Market Analysis
Vacancies down, demand up
Large housing estates in Berlin: From vacancies to full occupancy
The IVD warns of new social hotspots from large housing estates. Meanwhile, vacancy rates in Berlin's public housing have dropped to 2 percent. Young families are discovering these neighborhoods as an alternative.
Peter Guthmann
Germany's real estate association IVD warns against the emergence of new social hotspots through large-scale housing estates in Berlin. The association advocates smaller-scale densification through infill development, attic conversions, and building extensions. Given the migration surplus to the surrounding Brandenburg region, the IVD also calls for better transport infrastructure and lower property transfer tax for owner-occupiers to encourage young families to buy. In tenancy law, restrictions that discourage investment in new construction should be removed. "Politicians urgently need to find a path from prohibition to enablement," the IVD states.
The reality on the ground
Yet the concern about ghettoization does not match current figures. In neighborhoods like Gropiusstadt in Neukoelln or the Maerkisches Viertel, vacancy rates have been falling for years. The shortage of affordable apartments in Berlin means that young working families now accept these neighborhoods as an alternative to overcrowded inner-city districts. Rent-free incentive periods are no longer necessary. Tenants come on their own.
New tenants, new image
The influx is changing the resident mix. Higher incomes, varied professional backgrounds, and mixed education levels are creating social diversity. Instead of ghettoization, stabilization is taking place.
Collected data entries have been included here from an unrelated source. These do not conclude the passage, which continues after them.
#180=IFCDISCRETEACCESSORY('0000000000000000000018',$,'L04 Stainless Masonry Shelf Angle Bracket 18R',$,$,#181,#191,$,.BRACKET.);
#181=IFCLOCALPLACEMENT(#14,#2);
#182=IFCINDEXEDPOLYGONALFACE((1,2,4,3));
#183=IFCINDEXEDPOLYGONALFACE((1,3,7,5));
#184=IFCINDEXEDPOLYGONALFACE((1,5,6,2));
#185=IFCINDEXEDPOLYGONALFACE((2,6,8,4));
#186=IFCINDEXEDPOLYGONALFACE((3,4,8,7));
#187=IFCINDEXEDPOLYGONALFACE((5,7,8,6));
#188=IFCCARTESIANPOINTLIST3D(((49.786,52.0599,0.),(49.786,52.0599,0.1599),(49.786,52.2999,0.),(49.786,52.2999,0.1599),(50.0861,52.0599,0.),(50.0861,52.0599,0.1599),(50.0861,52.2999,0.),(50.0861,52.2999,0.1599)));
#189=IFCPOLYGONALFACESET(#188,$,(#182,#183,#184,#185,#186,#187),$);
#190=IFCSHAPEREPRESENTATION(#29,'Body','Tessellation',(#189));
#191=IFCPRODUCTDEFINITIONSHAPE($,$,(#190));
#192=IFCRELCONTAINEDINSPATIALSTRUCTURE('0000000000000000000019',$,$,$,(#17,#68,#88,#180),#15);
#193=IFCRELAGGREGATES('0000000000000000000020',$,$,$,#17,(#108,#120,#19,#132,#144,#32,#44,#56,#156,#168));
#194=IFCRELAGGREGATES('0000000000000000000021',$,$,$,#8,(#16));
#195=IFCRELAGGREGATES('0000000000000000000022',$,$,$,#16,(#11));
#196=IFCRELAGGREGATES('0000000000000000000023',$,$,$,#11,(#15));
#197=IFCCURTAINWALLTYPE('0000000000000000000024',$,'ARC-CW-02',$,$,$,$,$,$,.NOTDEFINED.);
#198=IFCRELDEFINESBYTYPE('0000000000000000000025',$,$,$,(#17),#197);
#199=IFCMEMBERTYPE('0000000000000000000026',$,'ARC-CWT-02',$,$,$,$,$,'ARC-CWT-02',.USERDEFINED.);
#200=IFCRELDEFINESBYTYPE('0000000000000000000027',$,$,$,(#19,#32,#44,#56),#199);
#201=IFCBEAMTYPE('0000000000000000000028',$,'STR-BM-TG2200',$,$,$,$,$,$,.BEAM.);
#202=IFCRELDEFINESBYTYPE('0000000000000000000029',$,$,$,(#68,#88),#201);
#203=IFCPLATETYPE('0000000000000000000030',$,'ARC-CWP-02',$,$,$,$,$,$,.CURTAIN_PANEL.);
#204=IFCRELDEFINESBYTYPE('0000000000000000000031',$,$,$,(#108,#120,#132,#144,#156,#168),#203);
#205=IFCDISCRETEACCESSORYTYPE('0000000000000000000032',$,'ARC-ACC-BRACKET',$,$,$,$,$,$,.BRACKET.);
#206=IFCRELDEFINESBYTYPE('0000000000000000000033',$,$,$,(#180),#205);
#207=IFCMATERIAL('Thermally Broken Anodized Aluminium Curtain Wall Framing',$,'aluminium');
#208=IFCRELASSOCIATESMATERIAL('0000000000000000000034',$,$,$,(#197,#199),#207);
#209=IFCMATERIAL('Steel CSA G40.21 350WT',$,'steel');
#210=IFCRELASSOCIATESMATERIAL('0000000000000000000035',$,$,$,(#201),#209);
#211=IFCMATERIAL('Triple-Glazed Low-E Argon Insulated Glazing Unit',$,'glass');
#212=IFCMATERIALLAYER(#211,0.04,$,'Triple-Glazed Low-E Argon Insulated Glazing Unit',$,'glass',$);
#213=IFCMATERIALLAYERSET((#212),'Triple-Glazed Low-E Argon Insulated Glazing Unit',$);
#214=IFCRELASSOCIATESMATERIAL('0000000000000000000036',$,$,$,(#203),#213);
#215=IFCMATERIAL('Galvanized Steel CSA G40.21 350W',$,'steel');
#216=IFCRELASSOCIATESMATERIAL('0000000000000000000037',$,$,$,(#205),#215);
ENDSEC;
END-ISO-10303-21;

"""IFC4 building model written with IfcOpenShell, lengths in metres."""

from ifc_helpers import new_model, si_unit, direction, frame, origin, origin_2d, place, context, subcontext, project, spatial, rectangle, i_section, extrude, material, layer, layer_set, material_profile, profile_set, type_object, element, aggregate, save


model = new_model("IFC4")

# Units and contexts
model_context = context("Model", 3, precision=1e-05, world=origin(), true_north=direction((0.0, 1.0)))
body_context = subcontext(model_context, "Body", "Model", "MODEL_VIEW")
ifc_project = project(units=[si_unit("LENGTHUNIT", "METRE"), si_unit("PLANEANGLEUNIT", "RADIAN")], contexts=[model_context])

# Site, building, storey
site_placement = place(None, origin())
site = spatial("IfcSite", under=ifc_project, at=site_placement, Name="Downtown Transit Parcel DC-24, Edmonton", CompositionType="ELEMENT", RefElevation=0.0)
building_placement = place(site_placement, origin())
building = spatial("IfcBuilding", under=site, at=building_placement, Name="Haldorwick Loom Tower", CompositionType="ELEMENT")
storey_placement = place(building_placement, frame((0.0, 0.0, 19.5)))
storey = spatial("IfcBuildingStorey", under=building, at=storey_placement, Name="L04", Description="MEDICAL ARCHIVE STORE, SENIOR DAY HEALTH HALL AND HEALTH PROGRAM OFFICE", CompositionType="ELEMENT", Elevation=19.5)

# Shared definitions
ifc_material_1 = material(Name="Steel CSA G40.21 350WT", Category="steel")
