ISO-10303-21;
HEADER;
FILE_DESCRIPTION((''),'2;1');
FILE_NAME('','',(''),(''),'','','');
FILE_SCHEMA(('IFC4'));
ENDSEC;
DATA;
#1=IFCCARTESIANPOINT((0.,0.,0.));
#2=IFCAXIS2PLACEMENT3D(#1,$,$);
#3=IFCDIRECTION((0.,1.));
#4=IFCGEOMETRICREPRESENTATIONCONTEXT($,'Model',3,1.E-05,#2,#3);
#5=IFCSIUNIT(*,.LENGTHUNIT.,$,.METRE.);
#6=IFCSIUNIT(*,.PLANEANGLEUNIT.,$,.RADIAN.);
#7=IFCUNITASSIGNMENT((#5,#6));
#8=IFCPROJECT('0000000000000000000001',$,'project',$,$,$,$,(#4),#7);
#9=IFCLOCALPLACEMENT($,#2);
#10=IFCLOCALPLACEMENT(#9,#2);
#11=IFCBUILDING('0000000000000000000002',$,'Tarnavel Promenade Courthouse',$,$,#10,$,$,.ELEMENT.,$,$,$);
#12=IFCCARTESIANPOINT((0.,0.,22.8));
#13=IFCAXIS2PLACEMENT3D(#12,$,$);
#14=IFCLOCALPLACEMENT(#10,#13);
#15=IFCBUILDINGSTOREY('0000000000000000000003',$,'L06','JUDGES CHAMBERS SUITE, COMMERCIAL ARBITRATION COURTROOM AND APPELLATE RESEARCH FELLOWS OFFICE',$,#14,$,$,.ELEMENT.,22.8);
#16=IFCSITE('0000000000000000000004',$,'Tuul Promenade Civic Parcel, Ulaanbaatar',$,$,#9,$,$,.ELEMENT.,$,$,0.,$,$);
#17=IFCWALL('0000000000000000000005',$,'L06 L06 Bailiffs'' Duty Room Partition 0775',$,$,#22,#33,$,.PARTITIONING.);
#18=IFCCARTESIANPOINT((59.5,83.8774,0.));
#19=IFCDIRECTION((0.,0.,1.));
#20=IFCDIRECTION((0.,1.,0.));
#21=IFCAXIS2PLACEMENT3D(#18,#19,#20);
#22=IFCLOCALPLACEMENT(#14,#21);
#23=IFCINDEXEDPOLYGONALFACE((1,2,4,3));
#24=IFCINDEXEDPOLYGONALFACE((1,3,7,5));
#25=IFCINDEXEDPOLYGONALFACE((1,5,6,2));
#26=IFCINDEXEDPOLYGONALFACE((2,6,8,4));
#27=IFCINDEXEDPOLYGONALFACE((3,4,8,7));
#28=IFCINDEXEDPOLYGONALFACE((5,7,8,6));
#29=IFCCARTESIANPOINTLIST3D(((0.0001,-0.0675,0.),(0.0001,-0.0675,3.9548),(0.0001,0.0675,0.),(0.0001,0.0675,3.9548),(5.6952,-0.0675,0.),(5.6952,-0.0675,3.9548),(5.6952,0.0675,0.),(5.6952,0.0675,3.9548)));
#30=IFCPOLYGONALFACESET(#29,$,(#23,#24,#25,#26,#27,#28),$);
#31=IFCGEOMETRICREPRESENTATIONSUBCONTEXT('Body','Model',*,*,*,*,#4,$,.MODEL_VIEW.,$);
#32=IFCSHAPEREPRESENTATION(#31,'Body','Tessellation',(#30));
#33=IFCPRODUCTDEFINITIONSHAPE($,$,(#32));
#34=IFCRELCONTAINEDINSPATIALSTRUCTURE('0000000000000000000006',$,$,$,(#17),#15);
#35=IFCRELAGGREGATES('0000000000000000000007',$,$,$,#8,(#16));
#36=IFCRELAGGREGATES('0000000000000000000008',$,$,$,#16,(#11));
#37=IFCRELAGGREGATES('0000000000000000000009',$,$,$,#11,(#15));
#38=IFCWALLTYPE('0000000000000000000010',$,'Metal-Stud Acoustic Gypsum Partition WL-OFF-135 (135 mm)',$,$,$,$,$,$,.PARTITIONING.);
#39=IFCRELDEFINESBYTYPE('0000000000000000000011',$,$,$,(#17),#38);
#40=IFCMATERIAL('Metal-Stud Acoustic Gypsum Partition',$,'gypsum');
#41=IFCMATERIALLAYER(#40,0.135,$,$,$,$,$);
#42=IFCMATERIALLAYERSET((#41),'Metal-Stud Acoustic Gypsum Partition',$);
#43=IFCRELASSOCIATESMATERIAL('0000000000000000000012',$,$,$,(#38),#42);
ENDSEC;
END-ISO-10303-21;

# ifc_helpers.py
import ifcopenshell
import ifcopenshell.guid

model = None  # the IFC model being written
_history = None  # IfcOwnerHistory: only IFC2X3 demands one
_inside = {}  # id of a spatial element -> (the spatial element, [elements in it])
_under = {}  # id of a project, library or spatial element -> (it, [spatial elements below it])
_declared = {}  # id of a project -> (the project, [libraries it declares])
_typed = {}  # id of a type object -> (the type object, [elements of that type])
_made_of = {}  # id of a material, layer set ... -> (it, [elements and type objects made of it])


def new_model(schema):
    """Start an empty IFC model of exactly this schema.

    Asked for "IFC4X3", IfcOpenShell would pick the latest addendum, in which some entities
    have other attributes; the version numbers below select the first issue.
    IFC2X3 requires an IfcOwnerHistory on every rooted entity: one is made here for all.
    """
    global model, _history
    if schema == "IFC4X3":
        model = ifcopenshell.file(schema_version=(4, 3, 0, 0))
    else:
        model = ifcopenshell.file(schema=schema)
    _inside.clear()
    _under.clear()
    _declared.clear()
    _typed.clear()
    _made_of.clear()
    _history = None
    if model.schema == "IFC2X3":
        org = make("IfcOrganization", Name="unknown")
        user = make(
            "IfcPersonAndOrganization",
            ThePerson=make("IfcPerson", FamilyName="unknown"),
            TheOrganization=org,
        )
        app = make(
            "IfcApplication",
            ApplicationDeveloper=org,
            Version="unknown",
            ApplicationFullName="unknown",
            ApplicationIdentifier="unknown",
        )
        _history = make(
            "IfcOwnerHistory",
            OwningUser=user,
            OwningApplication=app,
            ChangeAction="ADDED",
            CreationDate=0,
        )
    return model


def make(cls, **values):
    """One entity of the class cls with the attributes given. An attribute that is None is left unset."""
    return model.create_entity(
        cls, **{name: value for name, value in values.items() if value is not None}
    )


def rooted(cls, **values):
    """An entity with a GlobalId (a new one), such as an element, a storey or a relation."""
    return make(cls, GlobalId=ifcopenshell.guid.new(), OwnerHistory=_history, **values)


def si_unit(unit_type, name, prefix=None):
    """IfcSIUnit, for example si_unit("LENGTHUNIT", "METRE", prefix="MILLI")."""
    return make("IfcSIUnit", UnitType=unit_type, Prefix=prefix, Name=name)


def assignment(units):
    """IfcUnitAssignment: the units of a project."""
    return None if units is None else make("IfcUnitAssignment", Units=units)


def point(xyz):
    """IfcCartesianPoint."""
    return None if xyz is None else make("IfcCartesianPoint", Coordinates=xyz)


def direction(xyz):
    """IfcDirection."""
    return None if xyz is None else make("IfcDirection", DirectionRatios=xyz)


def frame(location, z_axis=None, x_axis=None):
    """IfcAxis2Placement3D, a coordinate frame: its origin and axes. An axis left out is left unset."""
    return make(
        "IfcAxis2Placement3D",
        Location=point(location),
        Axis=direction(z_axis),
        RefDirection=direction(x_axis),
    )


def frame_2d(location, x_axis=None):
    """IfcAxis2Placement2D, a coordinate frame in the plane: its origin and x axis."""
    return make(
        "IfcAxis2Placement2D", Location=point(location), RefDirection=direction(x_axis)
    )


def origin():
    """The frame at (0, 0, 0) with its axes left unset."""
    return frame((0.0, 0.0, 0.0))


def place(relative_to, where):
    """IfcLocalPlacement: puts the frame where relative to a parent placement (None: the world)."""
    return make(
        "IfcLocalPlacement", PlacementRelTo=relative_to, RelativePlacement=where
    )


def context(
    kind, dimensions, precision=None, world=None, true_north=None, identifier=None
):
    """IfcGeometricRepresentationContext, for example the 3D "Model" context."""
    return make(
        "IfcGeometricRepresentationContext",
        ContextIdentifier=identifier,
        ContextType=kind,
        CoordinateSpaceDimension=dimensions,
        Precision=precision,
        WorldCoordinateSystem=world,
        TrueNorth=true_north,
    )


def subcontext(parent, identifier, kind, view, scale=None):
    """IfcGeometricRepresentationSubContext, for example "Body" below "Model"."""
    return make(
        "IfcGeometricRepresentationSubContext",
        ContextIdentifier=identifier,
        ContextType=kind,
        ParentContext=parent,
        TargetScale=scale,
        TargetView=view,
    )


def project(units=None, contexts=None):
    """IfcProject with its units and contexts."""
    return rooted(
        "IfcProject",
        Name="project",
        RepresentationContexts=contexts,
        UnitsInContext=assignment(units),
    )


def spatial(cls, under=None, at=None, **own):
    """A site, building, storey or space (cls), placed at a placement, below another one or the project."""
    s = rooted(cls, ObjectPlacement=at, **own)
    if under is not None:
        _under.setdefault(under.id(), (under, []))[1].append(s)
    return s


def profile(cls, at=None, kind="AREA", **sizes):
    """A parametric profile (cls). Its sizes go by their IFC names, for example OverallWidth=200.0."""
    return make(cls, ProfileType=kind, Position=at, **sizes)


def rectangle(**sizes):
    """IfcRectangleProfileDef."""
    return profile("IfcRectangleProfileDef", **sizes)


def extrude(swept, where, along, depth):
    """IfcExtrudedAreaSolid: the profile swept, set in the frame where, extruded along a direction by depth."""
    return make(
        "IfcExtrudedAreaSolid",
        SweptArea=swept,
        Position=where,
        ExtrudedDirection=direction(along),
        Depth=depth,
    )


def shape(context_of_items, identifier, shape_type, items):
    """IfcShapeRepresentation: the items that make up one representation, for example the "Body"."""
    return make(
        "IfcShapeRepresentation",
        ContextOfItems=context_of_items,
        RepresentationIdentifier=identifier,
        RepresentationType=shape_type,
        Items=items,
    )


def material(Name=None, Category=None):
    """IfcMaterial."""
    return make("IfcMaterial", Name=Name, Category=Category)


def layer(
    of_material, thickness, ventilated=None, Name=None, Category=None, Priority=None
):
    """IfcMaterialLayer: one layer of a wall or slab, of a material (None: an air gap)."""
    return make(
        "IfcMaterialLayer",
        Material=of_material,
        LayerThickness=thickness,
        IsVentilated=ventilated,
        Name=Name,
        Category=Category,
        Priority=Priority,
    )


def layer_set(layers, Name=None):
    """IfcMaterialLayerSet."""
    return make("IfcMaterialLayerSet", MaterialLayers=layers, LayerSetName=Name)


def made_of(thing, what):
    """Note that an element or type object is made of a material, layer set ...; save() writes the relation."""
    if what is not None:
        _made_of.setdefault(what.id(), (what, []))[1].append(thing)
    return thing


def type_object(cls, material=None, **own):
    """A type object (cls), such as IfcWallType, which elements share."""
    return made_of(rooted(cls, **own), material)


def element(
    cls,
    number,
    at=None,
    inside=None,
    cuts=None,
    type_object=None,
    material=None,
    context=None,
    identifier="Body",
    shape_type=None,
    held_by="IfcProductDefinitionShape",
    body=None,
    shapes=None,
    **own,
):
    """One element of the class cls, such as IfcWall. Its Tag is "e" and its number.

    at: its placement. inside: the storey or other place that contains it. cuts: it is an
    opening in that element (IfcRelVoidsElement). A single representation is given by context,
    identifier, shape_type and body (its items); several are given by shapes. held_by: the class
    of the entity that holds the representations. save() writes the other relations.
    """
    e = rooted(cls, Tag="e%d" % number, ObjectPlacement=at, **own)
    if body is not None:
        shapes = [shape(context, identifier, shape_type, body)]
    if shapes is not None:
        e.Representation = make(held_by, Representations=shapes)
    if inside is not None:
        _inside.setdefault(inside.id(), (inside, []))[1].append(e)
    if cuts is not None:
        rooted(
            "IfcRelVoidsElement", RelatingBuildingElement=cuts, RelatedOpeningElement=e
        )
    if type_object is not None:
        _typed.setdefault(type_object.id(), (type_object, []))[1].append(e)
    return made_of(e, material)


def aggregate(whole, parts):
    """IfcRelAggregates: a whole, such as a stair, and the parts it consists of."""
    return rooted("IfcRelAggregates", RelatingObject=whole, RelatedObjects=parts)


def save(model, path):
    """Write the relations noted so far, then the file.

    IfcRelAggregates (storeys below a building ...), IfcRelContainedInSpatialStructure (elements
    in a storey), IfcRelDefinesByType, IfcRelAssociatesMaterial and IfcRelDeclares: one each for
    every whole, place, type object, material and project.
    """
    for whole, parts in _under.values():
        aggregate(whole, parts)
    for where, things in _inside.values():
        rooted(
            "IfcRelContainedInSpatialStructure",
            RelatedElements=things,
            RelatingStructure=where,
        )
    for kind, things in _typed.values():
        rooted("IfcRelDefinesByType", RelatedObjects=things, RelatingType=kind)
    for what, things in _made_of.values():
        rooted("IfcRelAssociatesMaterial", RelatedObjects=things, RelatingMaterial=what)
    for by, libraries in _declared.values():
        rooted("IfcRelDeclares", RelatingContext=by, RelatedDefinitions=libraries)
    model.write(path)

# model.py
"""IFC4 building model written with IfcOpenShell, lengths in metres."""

from ifc_helpers import new_model, si_unit, direction, frame, frame_2d, origin, place, context, subcontext, project, spatial, rectangle, extrude, material, layer, layer_set, type_object, element, save


model = new_model("IFC4")

# Units and contexts
model_context = context("Model", 3, precision=1e-05, world=origin(), true_north=direction((0.0, 1.0)))
body_context = subcontext(model_context, "Body", "Model", "MODEL_VIEW")
ifc_project = project(units=[si_unit("LENGTHUNIT", "METRE"), si_unit("PLANEANGLEUNIT", "RADIAN")], contexts=[model_context])

# Site, building, storey
site_placement = place(None, origin())
site = spatial("IfcSite", under=ifc_project, at=site_placement, Name="Tuul Promenade Civic Parcel, Ulaanbaatar", CompositionType="ELEMENT", RefElevation=0.0)
building_placement = place(site_placement, origin())
building = spatial("IfcBuilding", under=site, at=building_placement, Name="Tarnavel Promenade Courthouse", CompositionType="ELEMENT")
storey_placement = place(building_placement, frame((0.0, 0.0, 22.8)))
storey = spatial("IfcBuildingStorey", under=building, at=storey_placement, Name="L06", Description="JUDGES CHAMBERS SUITE, COMMERCIAL ARBITRATION COURTROOM AND APPELLATE RESEARCH FELLOWS OFFICE", CompositionType="ELEMENT", Elevation=22.8)

# Wall
ifc_material_1 = material(Name="Metal-Stud Acoustic Gypsum Partition", Category="gypsum")
ifc_layer_1 = layer(ifc_material_1, 0.135)
ifc_layer_set_1 = layer_set([ifc_layer_1], Name="Metal-Stud Acoustic Gypsum Partition")
wall_type_1 = type_object("IfcWallType", Name="Metal-Stud Acoustic Gypsum Partition WL-OFF-135 (135 mm)", PredefinedType="PARTITIONING", material=ifc_layer_set_1)
wall_1_placement = place(storey_placement, frame((59.5, 83.8774, 0.0), z_axis=(0.0, 0.0, 1.0), x_axis=(0.0, 1.0, 0.0)))
element("IfcWall", 1, at=wall_1_placement, inside=storey, type_object=wall_type_1, Name="L06 L06 Bailiffs' Duty Room Partition 0775", PredefinedType="PARTITIONING", context=body_context, shape_type="SweptSolid", body=[
    extrude(rectangle(XDim=5.6951, YDim=0.135, at=frame_2d((2.8477, 0.0))), origin(), (0.0, 0.0, 1.0), 3.9548),
])

save(model, "model.ifc")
The rental process is also less stressful than in Mitte or Friedrichshain: mass viewings are rare, and many operators arrange lettings directly through their own portals.
Market figures in context
In 2016 alone, Berlin recorded a net inflow of at least 48,000 people. According to the BBU (Association of Berlin-Brandenburg Housing Companies), the vacancy rate in the city's roughly 700,000 public and cooperative apartments dropped to just 2 percent. While yields in established inner-city locations are under pressure, the large housing estates still offer room for investors seeking stable rental income.